Now that we've learned about the artists we should take a look at the genres that made it to the top 50.

In [None]:
genre = df['Genre'].nunique()
print(f'There are {genre} different genres in the Spotify top 50.')

In [None]:
plt.style.use('default')
plt.figure(figsize=(15,8))
p = sns.countplot(y='Genre', data = df, linewidth=2, edgecolor='black')
p.axes.set_title("Total Number of Songs by Genre",fontsize=20)
p.set_xlabel("Number of Songs",fontsize=15)
p.set_ylabel("Genre",fontsize=15)
plt.show()

Here we see that the Pop genre is by far the most popular with Dance Pop being the clear winner within it. Latin is the most popular genre outside of the Pop genre with 5 songs. Canadian hip hop and edm are the other genres with more than 3 songs in the Top 50.

In [None]:
# set figure size
plt.style.use('default')
plt.figure(figsize=(15,8))

# Swarmplot
p = sns.swarmplot(x='Genre', y='Popularity', data=df, s=10)

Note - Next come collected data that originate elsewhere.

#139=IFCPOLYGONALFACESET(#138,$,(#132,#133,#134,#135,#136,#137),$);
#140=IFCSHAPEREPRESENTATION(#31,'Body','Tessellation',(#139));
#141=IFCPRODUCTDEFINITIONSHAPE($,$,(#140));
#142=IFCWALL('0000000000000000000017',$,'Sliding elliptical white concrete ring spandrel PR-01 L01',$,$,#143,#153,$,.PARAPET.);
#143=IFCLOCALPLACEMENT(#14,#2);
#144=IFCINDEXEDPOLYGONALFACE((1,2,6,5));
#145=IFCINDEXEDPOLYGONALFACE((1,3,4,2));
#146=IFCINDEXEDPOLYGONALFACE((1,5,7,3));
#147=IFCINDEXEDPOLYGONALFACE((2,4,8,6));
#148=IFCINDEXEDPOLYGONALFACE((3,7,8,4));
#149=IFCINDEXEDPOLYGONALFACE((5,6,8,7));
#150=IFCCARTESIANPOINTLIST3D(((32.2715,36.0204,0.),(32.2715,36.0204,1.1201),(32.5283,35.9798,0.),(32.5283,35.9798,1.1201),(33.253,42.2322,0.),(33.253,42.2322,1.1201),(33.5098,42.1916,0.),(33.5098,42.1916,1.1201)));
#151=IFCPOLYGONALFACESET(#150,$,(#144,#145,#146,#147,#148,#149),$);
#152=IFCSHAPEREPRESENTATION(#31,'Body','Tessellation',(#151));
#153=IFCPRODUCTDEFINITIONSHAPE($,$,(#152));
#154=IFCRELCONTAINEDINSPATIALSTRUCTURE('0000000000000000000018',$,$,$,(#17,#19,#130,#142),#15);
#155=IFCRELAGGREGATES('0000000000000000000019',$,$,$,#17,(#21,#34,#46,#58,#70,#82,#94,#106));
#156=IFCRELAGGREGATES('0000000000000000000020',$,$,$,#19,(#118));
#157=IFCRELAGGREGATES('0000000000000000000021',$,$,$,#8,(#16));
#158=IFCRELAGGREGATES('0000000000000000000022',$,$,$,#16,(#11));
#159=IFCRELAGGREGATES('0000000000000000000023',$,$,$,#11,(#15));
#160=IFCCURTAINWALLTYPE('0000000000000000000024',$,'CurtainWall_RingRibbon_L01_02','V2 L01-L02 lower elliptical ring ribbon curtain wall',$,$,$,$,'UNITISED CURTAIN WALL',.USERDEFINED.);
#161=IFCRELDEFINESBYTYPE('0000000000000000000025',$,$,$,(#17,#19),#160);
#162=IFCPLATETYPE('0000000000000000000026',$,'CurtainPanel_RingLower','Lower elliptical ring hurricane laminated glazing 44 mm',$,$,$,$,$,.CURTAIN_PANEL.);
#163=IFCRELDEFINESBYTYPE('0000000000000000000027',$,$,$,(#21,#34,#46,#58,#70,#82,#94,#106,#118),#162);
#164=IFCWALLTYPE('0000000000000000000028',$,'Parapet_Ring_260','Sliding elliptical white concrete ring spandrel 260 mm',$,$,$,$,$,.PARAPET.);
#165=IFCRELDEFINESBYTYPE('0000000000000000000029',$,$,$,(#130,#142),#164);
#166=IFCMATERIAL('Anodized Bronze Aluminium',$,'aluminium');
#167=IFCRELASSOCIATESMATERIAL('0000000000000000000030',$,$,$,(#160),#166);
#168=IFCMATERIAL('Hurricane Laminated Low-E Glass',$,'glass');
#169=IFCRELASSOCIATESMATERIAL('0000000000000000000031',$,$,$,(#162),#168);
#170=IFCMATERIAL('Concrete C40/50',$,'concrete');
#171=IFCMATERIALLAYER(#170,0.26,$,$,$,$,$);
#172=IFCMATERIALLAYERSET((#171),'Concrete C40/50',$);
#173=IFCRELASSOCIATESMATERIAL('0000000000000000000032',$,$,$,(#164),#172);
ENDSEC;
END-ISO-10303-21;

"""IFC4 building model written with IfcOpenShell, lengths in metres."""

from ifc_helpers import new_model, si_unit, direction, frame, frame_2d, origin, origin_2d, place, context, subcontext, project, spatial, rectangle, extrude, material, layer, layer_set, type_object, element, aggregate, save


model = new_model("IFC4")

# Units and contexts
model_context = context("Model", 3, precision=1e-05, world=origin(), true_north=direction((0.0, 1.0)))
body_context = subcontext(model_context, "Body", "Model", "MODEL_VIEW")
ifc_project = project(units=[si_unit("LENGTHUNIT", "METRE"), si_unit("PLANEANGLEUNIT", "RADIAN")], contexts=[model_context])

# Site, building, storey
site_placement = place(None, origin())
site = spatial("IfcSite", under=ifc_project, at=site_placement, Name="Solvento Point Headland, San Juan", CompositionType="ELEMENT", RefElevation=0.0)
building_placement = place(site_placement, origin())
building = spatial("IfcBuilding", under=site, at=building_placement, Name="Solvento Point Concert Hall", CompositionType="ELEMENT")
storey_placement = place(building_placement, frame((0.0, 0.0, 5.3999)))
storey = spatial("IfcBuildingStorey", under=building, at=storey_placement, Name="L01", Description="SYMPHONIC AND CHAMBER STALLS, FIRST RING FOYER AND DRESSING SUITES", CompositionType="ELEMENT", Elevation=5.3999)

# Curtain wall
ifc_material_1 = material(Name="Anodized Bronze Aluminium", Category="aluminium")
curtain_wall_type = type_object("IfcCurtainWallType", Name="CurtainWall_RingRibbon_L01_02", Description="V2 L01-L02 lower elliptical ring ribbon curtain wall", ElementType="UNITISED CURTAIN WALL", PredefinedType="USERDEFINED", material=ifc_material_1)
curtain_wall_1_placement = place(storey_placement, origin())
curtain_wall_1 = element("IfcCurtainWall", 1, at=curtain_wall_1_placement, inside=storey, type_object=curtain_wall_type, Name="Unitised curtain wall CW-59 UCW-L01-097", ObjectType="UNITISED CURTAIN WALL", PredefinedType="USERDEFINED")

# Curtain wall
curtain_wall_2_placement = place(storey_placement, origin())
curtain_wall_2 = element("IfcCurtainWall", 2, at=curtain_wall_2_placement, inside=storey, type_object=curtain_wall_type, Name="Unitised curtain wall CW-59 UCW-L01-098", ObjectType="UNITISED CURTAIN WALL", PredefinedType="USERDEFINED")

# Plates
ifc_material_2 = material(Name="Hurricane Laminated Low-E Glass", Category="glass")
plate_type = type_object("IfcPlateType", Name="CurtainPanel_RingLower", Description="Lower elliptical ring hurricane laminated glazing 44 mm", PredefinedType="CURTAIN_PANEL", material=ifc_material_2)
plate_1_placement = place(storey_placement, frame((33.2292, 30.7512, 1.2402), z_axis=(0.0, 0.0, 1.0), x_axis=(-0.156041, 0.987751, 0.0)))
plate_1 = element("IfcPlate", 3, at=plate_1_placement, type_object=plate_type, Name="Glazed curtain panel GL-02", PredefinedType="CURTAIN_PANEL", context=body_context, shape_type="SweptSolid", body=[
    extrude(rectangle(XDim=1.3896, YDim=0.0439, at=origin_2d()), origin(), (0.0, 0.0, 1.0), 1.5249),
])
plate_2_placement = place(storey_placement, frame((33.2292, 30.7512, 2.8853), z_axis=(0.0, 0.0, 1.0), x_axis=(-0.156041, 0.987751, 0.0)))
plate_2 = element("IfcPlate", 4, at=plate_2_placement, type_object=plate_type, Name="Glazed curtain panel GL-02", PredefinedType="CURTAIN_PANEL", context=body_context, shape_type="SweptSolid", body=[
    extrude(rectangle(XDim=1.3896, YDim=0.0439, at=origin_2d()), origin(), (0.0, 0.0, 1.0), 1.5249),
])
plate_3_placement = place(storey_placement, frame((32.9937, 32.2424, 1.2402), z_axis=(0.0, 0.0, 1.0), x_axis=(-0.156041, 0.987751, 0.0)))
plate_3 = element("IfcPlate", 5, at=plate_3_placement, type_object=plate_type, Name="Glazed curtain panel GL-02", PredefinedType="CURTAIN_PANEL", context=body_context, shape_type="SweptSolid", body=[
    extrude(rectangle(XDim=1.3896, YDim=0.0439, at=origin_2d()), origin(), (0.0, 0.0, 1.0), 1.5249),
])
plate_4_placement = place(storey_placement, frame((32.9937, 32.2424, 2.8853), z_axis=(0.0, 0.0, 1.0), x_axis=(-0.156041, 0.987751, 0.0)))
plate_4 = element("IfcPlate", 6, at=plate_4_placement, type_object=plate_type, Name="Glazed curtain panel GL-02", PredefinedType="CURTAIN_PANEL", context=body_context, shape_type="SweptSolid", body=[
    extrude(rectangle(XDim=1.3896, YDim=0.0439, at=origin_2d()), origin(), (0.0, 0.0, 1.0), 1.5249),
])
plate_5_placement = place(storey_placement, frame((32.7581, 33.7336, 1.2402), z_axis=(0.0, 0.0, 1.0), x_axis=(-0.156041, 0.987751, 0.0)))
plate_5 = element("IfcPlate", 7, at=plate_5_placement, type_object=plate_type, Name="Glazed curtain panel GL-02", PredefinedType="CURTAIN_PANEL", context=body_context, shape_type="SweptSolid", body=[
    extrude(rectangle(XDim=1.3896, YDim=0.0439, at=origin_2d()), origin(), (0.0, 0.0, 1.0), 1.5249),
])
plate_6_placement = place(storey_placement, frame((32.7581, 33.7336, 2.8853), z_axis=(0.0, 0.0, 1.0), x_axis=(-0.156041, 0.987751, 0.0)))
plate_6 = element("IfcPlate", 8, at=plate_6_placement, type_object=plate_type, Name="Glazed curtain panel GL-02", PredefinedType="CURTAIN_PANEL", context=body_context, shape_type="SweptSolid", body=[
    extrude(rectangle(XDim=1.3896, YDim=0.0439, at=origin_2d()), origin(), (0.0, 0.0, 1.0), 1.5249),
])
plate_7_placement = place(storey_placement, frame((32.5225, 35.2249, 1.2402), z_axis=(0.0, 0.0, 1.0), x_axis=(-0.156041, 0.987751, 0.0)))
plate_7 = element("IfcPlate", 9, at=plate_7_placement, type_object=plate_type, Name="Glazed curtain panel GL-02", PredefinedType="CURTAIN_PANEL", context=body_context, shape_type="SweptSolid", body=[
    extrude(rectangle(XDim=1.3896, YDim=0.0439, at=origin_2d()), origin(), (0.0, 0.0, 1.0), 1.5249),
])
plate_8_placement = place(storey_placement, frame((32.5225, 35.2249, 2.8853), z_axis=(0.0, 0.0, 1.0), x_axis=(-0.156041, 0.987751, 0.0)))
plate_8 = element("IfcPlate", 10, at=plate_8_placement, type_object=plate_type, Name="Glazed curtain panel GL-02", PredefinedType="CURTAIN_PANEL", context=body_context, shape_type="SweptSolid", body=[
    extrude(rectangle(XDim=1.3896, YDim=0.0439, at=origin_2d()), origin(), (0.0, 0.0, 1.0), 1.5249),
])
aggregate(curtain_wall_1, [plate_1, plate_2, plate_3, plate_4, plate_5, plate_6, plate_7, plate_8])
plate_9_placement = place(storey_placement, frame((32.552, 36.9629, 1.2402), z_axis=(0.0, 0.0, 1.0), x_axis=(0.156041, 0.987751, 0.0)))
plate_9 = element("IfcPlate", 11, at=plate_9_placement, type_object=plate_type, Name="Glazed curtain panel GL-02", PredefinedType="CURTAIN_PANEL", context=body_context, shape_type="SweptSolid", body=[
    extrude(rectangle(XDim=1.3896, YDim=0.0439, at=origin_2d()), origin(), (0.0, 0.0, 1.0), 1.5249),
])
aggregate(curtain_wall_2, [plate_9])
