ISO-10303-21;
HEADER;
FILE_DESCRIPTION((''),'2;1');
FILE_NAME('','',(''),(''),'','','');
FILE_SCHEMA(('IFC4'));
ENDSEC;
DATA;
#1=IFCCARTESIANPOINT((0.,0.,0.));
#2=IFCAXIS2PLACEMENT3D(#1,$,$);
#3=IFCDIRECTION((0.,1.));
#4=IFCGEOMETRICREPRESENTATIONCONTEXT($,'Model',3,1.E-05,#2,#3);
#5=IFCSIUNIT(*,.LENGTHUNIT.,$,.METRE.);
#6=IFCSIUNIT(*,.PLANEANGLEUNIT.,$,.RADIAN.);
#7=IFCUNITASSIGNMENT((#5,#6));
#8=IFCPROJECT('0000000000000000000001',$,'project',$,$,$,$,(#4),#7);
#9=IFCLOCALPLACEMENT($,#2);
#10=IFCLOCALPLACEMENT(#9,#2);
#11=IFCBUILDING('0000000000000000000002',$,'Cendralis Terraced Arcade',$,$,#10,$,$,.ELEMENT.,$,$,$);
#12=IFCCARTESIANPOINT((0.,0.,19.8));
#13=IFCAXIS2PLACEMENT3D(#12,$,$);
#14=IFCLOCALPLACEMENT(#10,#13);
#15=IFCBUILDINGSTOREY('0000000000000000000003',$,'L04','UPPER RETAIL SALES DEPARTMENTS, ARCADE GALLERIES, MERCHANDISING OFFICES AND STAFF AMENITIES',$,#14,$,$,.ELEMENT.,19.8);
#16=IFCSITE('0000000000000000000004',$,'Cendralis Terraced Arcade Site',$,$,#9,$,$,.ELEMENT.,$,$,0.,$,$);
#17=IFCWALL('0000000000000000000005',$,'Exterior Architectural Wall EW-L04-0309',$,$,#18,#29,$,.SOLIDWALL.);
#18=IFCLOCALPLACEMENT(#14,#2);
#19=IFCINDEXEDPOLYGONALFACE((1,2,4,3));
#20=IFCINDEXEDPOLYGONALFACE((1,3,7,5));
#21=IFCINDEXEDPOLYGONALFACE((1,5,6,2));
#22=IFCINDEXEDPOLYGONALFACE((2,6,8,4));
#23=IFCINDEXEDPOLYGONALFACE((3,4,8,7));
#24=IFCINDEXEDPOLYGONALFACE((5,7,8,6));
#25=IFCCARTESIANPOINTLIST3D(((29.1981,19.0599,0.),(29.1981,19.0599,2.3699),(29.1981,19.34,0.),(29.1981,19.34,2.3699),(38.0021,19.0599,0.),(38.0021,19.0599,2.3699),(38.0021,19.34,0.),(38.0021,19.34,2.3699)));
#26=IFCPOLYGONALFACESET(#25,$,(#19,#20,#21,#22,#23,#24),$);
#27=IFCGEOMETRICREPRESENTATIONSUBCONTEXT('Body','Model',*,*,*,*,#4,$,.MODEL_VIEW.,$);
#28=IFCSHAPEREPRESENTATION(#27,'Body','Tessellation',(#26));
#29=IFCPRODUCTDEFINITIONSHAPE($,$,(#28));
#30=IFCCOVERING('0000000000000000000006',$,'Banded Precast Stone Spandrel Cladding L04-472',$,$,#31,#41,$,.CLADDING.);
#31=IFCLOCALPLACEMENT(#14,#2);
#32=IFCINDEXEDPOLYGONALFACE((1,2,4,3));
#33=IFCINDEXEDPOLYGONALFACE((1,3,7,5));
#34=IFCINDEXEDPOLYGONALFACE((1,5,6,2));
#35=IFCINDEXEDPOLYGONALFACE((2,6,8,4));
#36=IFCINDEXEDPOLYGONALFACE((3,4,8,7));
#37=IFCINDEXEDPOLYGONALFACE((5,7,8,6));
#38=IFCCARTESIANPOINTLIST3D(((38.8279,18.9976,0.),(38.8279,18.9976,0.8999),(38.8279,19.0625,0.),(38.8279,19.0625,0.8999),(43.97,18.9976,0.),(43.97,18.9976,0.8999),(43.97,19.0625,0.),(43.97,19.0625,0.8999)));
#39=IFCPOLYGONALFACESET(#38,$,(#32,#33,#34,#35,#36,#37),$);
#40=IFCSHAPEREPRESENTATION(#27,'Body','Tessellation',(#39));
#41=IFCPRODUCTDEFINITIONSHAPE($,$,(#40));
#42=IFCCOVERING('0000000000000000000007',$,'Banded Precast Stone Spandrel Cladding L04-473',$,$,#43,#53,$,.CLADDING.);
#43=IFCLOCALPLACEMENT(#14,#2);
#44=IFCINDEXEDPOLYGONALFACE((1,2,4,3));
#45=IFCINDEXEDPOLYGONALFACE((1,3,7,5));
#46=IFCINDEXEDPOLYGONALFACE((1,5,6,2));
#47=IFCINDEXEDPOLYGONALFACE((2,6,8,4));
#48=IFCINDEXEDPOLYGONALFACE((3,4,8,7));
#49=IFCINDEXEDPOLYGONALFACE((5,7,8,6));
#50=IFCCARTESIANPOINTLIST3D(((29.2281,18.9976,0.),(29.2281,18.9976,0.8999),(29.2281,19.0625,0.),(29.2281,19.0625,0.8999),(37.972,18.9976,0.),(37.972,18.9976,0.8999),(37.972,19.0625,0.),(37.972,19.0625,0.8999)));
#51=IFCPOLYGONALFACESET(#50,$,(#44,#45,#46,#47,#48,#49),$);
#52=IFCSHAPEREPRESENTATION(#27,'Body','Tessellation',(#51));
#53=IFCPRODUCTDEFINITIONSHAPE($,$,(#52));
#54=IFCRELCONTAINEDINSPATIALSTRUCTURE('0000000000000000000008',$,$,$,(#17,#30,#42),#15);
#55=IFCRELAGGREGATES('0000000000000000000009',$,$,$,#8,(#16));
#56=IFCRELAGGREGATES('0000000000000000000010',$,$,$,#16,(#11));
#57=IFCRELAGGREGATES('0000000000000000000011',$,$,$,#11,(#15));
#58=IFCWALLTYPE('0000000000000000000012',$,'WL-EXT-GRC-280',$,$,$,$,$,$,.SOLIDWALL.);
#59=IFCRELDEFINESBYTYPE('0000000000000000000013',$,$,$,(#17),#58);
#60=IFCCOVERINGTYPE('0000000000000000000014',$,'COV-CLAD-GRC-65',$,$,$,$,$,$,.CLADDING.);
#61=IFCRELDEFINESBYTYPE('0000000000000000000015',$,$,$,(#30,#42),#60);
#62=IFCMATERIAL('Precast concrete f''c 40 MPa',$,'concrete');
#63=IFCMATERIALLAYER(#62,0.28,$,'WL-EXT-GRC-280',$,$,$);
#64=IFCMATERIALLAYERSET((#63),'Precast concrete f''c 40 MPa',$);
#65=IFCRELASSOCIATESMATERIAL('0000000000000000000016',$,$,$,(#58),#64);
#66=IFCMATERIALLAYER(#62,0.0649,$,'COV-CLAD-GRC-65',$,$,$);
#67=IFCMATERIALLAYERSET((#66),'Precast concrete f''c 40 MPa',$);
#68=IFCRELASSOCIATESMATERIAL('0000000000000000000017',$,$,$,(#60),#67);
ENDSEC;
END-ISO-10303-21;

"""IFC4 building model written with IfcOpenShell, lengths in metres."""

from ifc_helpers import new_model, si_unit, direction, frame, frame_2d, origin, origin_2d, place, context, subcontext, project, spatial, rectangle, extrude, material, layer, layer_set, type_object, element, save


model = new_model("IFC4")

# Units and contexts
model_context = context("Model", 3, precision=1e-05, world=origin(), true_north=direction((0.0, 1.0)))
body_context = subcontext(model_context, "Body", "Model", "MODEL_VIEW")
ifc_project = project(units=[si_unit("LENGTHUNIT", "METRE"), si_unit("PLANEANGLEUNIT", "RADIAN")], contexts=[model_context])

# Site, building, storey
site_placement = place(None, origin())
site = spatial("IfcSite", under=ifc_project, at=site_placement, Name="Cendralis Terraced Arcade Site", CompositionType="ELEMENT", RefElevation=0.0)
building_placement = place(site_placement, origin())
building = spatial("IfcBuilding", under=site, at=building_placement, Name="Cendralis Terraced Arcade", CompositionType="ELEMENT")
storey_placement = place(building_placement, frame((0.0, 0.0, 19.8)))
storey = spatial("IfcBuildingStorey", under=building, at=storey_placement, Name="L04", Description="UPPER RETAIL SALES DEPARTMENTS, ARCADE GALLERIES, MERCHANDISING OFFICES AND STAFF AMENITIES", CompositionType="ELEMENT", Elevation=19.8)

# Wall
ifc_material_1 = material(Name="Precast concrete f'c 40 MPa", Category="concrete")
ifc_layer_1 = layer(ifc_material_1, 0.28, Name="WL-EXT-GRC-280")
ifc_layer_set_1 = layer_set([ifc_layer_1], Name="Precast concrete f'c 40 MPa")
wall_type = type_object("IfcWallType", Name="WL-EXT-GRC-280", PredefinedType="SOLIDWALL", material=ifc_layer_set_1)
wall_1_placement = place(storey_placement, frame((38.002, 19.2, 0.0), z_axis=(0.0, 0.0, 1.0), x_axis=(-1.0, 0.0, 0.0)))
element("IfcWall", 1, at=wall_1_placement, inside=storey, type_object=wall_type, Name="Exterior Architectural Wall EW-L04-0309", PredefinedType="SOLIDWALL", context=body_context, shape_type="SweptSolid", body=[
    extrude(rectangle(XDim=8.804, YDim=0.28, at=frame_2d((4.4019, 0.0))), origin(), (0.0, 0.0, 1.0), 2.3699),
])

# Coverings
ifc_layer_2 = layer(ifc_material_1, 0.0649, Name="COV-CLAD-GRC-65")
ifc_layer_set_2 = layer_set([ifc_layer_2], Name="Precast concrete f'c 40 MPa")
covering_type = type_object("IfcCoveringType", Name="COV-CLAD-GRC-65", PredefinedType="CLADDING", material=ifc_layer_set_2)
covering_1_placement = place(storey_placement, frame((41.3989, 19.03, 0.0), z_axis=(0.0, 0.0, 1.0), x_axis=(-1.0, 0.0, 0.0)))
element("IfcCovering", 2, at=covering_1_placement, inside=storey, type_object=covering_type, Name="Banded Precast Stone Spandrel Cladding L04-472", PredefinedType="CLADDING", context=body_context, shape_type="SweptSolid", body=[
    extrude(rectangle(XDim=5.1421, YDim=0.0649, at=origin_2d()), origin(), (0.0, 0.0, 1.0), 0.8999),
])
covering_2_placement = place(storey_placement, frame((33.6001, 19.03, 0.0), z_axis=(0.0, 0.0, 1.0), x_axis=(-1.0, 0.0, 0.0)))
element("IfcCovering", 3, at=covering_2_placement, inside=storey, type_object=covering_type, Name="Banded Precast Stone Spandrel Cladding L04-473", PredefinedType="CLADDING", context=body_context, shape_type="SweptSolid", body=[
    extrude(rectangle(XDim=8.7439, YDim=0.0649, at=origin_2d()), origin(), (0.0, 0.0, 1.0), 0.8999),
])

save(model, "model.ifc")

p.axes.set_title("Popularity by Genre",fontsize=20)
p.set_xlabel("Genre",fontsize=15)
p.set_ylabel("Popularity",fontsize=15)
p.tick_params(labelsize=15)
plt.xticks(rotation=85)

Now we can see the score of each genre with respect to there popularity score. Although the dfw rap genre only has two songs it has a high popularity score for both. Similarly electrop has a song that has the highest popularity score compared to all other songs. Canadian pop has a song with lowest popularity score of about 70. Dance pop and pop have multiple songs in the top 50 but their songs average around the 87 mark with the highest only reach about 90. This tells us that although they are more likely to be popular, the popularity scores of these songs struggle to reach past 90.

In [None]:
plt.style.use('default')
plt.figure(figsize=(15,8))
p = sns.regplot(x="Energy", y="Popularity", data=df)
p.axes.set_title("Popularity by Energy of the song",fontsize=20)
p.set_xlabel("Energy",fontsize=15)
p.set_ylabel("Popularity",fontsize=15)
p.tick_params(labelsize=15)


We can see a very slight decline as the energy of the song gets higher. This might suggest that songs with high energy points are not as popular as songs with lower energy scores.

In [None]:
plt.style.use('default')

plt.figure(figsize=(15,8))
p = sns.regplot(x="Danceability", y="Popularity", data=df)
p.axes.set_title("Popularity by Danceability of the song",fontsize=20)
p.set_xlabel("Danceability",fontsize=15)
p.set_ylabel("Popularity",fontsize=15)
p.tick_params(labelsize=15)


Songs with moderately high danceability are more popular.

In [None]:
plt.style.use('default')

plt.figure(figsize=(15,8))
p = sns.regplot(x="Length.", y="Popularity", data=df)
p.axes.set_title("Popularity by Length of the song",fontsize=20)
p.set_xlabel("Length in seconds (approx.)",fontsize=15)
p.set_ylabel("Popularity",fontsize=15)
p.tick_params(labelsize=15)

Popular songs tend to last around 200 seconds. The longer the length, the less popular it becomes based on the regression line.